Figure 3: Images of tablets in the friability range 0.55–0.65 after each process step
This is the first indication that the ConsiGma® coater is capable of handling more friable tablets than what is normally considered to be acceptable for a coating process.1,2
It should also be considered that some of the damage may be derived from interrupting the process; this causes the cascade to collapse and some uncoated tablet cores to hit the spray lance as they fall. This would normally only happen after the tablets have been coated and are therefore more resistant to physical damage.
Coating: In general, and despite the poor quality of the most friable tablet cores, the coating was deemed to be acceptable (Figure 4).
For the most friable tablets — those without eroded faces — it was noted that the roughness of the surface(s) started to increase.
For those that already had eroded faces, the problem was amplified. The worn surface is even more sensitive to moisture so, during spraying, it takes up more moisture. Overall, though, no tablets were broken and they were all successfully coated.
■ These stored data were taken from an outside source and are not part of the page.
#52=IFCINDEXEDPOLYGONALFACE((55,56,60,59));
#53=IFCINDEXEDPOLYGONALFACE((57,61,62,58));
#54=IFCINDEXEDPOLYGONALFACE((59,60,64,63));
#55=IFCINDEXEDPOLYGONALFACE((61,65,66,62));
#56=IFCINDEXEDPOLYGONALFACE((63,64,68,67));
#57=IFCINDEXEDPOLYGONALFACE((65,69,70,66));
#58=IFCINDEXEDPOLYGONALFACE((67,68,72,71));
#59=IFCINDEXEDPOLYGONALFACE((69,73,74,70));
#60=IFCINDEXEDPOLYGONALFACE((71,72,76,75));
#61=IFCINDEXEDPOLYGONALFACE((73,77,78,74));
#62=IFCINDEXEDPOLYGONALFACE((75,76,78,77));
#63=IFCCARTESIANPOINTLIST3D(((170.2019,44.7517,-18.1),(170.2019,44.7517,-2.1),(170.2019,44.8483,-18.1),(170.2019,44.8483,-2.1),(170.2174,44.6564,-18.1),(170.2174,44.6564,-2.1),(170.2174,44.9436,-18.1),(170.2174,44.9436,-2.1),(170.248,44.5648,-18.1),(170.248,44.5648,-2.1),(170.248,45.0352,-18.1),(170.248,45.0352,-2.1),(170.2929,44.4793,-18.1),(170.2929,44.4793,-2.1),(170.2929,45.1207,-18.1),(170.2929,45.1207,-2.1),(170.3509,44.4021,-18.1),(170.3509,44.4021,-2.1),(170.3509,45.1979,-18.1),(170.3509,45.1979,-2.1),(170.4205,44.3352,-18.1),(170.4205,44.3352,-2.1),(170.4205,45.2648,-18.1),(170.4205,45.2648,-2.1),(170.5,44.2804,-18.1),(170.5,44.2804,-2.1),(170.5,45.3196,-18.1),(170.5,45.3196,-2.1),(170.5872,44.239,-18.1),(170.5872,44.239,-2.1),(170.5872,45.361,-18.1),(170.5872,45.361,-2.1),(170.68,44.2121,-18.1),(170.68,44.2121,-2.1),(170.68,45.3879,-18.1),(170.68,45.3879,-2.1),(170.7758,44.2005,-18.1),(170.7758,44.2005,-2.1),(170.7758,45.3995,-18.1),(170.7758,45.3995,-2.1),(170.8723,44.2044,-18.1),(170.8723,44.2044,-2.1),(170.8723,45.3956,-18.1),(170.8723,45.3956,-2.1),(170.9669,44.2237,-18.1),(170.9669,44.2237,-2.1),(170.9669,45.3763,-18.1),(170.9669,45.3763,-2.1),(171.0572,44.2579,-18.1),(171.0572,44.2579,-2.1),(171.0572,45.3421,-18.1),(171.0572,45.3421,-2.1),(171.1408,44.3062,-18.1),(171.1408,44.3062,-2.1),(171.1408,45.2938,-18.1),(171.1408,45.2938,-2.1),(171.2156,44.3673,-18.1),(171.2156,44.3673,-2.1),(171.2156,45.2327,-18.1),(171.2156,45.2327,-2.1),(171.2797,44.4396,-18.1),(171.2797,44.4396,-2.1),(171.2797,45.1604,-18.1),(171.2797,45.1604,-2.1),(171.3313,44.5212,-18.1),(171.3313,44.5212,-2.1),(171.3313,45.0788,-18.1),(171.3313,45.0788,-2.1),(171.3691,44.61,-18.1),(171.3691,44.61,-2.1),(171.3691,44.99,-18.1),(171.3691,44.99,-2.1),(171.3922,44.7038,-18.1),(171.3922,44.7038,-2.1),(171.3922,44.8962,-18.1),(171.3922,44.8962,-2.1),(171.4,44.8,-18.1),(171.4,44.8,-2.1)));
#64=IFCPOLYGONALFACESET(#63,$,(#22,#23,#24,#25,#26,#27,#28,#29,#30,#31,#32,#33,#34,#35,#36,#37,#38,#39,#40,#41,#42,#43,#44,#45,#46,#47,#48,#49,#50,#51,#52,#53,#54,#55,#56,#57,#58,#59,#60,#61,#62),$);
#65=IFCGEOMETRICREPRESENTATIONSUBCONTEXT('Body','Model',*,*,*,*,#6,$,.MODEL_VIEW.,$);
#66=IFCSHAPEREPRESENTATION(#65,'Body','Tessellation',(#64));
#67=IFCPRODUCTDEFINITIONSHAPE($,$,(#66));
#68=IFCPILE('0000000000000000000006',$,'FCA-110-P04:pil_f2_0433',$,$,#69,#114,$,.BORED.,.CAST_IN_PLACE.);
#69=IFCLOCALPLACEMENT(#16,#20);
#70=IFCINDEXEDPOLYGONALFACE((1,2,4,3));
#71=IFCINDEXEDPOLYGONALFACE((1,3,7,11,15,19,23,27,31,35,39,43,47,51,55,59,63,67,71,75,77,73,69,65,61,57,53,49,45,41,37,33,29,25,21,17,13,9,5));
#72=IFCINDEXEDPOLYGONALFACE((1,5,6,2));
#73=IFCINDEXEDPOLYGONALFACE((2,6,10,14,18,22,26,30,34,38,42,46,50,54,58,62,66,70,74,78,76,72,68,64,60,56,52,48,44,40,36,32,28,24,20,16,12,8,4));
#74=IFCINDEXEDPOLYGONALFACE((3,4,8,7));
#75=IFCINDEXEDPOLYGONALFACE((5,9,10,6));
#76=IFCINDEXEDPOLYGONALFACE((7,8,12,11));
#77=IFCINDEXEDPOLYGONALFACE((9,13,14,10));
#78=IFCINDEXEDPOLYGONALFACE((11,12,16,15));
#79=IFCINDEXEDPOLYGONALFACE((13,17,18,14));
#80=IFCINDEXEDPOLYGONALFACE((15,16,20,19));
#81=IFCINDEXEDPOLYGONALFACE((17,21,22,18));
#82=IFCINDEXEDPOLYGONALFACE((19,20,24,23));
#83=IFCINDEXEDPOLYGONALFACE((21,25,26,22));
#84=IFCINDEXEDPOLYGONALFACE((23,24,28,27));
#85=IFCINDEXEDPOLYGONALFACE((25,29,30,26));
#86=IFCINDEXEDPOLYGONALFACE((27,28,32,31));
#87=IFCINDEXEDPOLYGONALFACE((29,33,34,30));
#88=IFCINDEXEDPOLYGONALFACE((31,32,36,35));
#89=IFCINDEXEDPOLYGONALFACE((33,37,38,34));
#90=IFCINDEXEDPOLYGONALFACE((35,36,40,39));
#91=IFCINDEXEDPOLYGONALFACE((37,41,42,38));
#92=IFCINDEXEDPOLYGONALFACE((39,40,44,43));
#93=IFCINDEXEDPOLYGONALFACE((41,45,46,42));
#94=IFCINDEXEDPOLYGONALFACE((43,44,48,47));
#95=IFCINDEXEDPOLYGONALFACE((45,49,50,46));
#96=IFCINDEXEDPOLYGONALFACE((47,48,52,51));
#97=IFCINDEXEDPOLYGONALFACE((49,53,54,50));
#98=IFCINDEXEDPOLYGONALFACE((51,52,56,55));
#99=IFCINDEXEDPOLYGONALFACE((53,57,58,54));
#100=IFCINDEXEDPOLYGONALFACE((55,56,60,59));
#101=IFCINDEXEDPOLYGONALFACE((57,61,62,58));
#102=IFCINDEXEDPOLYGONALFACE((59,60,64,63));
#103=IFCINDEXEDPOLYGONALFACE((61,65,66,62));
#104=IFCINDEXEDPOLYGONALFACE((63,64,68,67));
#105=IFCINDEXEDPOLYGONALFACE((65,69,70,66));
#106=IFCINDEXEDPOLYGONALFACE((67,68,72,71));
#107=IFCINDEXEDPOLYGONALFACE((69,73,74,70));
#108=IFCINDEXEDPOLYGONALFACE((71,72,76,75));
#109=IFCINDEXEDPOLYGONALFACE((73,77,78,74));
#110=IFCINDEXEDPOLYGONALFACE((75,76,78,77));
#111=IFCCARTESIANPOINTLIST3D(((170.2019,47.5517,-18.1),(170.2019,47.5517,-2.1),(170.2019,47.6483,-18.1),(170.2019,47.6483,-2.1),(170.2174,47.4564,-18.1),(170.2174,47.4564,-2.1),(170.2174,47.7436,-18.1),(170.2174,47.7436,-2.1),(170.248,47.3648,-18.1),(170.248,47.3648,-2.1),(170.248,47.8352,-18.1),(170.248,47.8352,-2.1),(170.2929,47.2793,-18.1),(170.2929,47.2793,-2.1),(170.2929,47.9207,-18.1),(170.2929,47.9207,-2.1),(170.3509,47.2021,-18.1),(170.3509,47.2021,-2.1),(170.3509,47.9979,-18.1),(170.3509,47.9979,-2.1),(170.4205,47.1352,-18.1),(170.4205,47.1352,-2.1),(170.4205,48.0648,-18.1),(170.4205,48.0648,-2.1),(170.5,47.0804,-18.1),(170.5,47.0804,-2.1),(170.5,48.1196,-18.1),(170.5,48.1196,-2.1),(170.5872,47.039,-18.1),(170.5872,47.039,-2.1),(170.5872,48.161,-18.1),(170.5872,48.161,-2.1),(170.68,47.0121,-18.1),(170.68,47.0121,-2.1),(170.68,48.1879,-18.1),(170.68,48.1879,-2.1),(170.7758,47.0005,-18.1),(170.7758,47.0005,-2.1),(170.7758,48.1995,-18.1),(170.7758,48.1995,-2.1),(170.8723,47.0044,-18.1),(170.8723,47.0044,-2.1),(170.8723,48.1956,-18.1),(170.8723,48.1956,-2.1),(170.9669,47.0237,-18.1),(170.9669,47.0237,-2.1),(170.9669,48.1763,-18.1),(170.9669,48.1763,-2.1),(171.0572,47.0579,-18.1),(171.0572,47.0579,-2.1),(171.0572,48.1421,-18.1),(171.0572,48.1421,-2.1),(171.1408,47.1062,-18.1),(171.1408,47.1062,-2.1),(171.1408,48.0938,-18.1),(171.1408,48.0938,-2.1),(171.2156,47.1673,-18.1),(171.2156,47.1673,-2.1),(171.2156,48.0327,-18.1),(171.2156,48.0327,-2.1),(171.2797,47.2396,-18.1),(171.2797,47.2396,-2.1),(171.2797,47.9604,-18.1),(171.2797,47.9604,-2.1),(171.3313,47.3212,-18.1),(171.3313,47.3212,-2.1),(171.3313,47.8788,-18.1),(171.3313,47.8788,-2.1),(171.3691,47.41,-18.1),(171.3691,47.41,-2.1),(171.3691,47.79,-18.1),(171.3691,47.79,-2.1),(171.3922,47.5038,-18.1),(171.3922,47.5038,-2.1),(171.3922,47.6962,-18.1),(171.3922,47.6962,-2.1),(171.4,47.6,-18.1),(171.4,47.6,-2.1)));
Figure 4: Images of the most friable tablets (0.90–1.00%) after coating
In conclusion
Based on this very limited study, we can thus conclude that the notion that the ConsiGma® coater uses a very aggressive coating process is a myth … and that the belief that it cannot handle very friable tablets is debunked.
In fact, this research indicates that the ConsiGma® coater is even capable of processing tablet cores with a much wider range of friabilities than is normally recommended for coating steps.
References
1. S.C. Porter, “Preventing Film Coating Problems by Design,” Pharmaceutical Technology 40(2), 42–45 (2016): www.pharmtech.com/view/preventing-film-coating-problems-design.
2. M. Levina and C.R. Cunningham, “Effect of Core Design and Formulation on the Quality of Film Coated tablets,” Pharmaceutical Technology Europe 4(4), 29–27 (2005): www.colorcon.com/search/download/83/140/34.